Revenues for the third quarter of 2016 were $108.5 million, an increase of $14.5 million, or 15.5%, compared to $94.0 million for the third quarter of 2015.  Total operating expenses for the third quarter of 2016 were $96.1 million, an increase of $17.7 million, or 22.6%, compared to $78.3 million for the 2015 period.  Pretax income for the third quarter of 2016 was $12.5 million compared to pretax income of $15.6 million in the third quarter of 2015, a decrease of 20.4%.
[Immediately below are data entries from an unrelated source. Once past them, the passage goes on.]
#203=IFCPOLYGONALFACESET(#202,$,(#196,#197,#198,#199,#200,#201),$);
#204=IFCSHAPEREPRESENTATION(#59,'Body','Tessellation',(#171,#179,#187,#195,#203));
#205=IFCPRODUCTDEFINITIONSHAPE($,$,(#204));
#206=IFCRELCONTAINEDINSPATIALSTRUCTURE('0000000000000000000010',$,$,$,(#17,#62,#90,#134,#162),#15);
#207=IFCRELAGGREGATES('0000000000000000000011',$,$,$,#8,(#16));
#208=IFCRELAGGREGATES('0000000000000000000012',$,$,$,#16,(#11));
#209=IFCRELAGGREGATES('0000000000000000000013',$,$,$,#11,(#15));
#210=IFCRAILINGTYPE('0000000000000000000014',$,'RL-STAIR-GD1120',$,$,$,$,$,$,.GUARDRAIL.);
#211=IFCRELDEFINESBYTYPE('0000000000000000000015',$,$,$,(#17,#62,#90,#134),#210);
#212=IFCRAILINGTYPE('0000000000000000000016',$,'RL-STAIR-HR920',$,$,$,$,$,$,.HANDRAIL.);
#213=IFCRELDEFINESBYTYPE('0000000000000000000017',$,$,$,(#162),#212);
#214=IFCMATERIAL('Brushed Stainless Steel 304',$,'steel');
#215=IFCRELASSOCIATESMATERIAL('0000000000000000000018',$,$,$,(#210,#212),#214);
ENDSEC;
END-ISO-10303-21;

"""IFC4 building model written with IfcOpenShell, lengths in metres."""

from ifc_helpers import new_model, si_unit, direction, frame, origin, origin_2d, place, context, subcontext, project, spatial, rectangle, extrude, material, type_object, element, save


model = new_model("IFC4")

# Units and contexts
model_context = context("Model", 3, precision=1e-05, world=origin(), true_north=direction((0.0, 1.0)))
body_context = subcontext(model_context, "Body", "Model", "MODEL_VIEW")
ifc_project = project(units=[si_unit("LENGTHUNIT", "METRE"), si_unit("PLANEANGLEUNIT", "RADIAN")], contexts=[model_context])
For the nine months ended September 30, 2016 total revenues were $314.1 million compared to $268.3 million for the nine months ended September 30, 2015, an increase of approximately $45.8 million, or 17.1%.  Total expenses for the nine months ended September 30, 2016 were $277.1 million, an increase of $54.3 million, or 24.4%, compared to $222.7 million for the nine months ended September 30, 2015.  Pretax income for the nine months ended September 30, 2016 was $37.0 million, compared to $45.6 million for the nine months ended September 30, 2015.  Net income for the nine months ended September 30, 2016 was $21.8 million compared to $25.7 million for the nine months ended September 30, 2015. 

During the third quarter of 2016, CPS purchased $242.1 million of new contracts compared to $319.1 million during the second quarter of 2016 and $287.5 million during the third quarter of 2015.  The Company's managed receivables totaled $2.292 billion as of September 30, 2016, an increase from $2.254 billion as of June 30, 2016 and $1.941 billion as of September 30, 2015.
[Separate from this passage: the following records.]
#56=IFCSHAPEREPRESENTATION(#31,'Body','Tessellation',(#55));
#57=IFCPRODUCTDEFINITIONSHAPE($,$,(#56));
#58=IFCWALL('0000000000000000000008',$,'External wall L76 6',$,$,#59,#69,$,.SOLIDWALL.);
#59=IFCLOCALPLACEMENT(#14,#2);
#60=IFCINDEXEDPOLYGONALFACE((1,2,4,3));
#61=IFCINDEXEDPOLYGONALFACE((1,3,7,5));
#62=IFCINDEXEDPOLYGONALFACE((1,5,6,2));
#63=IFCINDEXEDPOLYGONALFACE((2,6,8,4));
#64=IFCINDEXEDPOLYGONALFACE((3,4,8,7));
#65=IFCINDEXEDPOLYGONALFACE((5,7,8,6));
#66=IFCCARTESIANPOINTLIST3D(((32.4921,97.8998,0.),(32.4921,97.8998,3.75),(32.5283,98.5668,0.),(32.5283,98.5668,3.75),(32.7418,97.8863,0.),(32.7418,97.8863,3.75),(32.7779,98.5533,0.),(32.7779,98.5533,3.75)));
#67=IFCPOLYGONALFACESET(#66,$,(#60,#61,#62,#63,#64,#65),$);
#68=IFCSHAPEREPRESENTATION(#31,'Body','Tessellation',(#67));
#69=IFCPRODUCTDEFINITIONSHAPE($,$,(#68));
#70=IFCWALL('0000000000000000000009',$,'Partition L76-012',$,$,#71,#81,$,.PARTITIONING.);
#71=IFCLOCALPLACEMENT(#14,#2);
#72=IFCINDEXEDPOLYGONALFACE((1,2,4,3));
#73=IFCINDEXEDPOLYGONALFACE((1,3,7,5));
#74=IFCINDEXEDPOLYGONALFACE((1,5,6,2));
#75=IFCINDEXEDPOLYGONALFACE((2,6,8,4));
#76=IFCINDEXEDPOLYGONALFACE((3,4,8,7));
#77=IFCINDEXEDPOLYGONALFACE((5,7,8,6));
Annualized net charge-offs for the third quarter of 2016 were 6.69% of the average owned portfolio as compared to 6.27% for the third quarter of 2015.  Delinquencies greater than 30 days (including repossession inventory) were 10.46% of the total owned portfolio as of September 30, 2016, as compared to 8.81% as of September 30, 2015.
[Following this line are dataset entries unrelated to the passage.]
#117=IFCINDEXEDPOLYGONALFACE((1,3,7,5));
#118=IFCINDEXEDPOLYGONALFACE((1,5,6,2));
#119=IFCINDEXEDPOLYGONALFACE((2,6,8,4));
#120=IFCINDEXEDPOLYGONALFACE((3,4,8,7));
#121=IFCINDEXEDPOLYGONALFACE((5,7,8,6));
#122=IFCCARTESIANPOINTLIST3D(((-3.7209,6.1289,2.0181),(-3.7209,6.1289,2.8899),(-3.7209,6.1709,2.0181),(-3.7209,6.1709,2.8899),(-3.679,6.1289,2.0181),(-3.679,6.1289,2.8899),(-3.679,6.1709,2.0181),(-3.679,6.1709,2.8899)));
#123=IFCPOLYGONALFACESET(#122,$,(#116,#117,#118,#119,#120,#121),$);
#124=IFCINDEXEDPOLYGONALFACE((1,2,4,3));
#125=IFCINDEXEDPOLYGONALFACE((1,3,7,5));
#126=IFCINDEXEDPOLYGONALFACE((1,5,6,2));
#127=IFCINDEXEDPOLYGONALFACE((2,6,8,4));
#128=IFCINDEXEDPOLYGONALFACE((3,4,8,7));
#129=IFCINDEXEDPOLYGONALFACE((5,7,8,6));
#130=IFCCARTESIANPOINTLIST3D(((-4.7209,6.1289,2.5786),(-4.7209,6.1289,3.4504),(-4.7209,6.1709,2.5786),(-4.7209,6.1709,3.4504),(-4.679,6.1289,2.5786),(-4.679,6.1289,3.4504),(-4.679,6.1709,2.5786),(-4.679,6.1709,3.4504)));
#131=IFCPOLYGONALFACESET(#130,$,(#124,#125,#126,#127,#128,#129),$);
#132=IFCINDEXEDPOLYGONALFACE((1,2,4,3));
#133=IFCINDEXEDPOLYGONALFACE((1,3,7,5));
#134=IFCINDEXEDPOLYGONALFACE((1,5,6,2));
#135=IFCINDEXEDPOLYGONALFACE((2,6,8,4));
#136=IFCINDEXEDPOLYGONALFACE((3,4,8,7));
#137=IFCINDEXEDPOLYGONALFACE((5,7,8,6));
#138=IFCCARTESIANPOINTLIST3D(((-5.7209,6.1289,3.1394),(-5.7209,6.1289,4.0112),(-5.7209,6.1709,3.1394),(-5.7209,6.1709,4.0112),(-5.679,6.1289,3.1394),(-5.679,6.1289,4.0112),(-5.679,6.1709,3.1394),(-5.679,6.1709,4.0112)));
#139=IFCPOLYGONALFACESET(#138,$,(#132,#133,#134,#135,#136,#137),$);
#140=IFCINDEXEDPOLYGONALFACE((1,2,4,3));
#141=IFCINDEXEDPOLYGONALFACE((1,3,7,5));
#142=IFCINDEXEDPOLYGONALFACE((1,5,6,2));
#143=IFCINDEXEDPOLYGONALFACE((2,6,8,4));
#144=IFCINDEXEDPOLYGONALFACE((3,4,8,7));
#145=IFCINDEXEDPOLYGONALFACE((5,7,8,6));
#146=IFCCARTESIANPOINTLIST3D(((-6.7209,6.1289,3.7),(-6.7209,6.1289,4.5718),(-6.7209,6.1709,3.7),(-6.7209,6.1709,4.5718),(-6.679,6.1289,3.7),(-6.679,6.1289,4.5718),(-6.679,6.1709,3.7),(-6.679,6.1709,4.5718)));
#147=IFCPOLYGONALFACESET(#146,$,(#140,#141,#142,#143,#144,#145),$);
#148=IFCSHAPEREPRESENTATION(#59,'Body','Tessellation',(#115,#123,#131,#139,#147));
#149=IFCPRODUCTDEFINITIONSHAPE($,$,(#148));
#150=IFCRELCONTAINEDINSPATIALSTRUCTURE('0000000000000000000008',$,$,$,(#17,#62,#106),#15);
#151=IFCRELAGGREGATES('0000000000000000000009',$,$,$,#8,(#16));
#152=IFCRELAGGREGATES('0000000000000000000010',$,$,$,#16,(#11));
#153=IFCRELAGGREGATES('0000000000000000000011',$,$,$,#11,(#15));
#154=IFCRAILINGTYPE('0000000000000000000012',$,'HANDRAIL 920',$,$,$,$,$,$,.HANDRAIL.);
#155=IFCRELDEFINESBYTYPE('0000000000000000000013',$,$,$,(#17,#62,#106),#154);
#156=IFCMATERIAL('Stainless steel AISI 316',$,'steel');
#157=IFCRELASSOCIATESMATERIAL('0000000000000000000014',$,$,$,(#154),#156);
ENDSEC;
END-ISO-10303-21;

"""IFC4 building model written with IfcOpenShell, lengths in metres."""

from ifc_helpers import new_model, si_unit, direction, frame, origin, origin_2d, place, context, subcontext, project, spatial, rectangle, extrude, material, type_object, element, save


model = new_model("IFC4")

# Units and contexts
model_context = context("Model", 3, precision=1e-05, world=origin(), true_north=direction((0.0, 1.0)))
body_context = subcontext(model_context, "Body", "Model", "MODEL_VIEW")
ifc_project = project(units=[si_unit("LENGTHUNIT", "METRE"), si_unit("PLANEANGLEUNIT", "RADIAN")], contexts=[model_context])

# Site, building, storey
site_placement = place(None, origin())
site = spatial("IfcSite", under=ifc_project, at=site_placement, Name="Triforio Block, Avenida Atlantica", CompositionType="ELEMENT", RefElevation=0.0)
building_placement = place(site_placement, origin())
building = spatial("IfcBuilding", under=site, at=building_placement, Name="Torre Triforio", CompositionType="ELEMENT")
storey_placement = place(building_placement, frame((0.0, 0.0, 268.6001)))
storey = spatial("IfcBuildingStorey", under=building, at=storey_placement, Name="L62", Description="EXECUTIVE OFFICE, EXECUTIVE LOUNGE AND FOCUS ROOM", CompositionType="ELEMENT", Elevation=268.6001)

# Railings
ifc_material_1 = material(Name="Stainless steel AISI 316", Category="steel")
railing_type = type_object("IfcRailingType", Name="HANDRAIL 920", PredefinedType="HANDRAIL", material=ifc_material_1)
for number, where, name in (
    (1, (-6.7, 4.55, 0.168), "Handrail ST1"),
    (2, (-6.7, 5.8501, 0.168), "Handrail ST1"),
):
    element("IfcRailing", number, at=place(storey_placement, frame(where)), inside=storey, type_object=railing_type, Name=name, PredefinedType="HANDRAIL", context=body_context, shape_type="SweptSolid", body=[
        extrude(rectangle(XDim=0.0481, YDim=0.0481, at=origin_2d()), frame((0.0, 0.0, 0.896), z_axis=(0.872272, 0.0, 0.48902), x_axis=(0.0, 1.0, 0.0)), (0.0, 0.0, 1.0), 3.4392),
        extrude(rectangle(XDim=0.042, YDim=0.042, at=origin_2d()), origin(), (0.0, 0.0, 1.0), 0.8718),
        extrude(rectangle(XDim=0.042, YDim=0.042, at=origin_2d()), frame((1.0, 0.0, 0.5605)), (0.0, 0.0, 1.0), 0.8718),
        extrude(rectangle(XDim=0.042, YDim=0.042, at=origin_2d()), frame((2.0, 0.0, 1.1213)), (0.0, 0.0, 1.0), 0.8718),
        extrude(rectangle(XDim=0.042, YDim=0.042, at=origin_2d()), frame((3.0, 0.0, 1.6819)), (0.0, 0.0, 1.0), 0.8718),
"Our operating results for the third quarter of 2016 were in line with our expectations," said Charles E. Bradley, Jr., Chairman and Chief Executive Officer.  “Our managed portfolio continues to grow and our earnings increased sequentially for the second consecutive quarter, even with a slight decrease in originations volumes.  Our operating leverage continues to improve and our third quarter securitization priced at a lower blended coupon than the prior quarter, reversing a four-quarter trend of consecutively higher blended coupons.”

Conference Call

CPS announced that it will hold a conference call on Tuesday, October 18, 2016, at 1:00 p.m. ET to discuss its quarterly operating results.  Those wishing to participate by telephone may dial-in at 877 312-5502 or 253 237-1131 approximately 10 minutes prior to the scheduled time. The conference identification number is 98489886.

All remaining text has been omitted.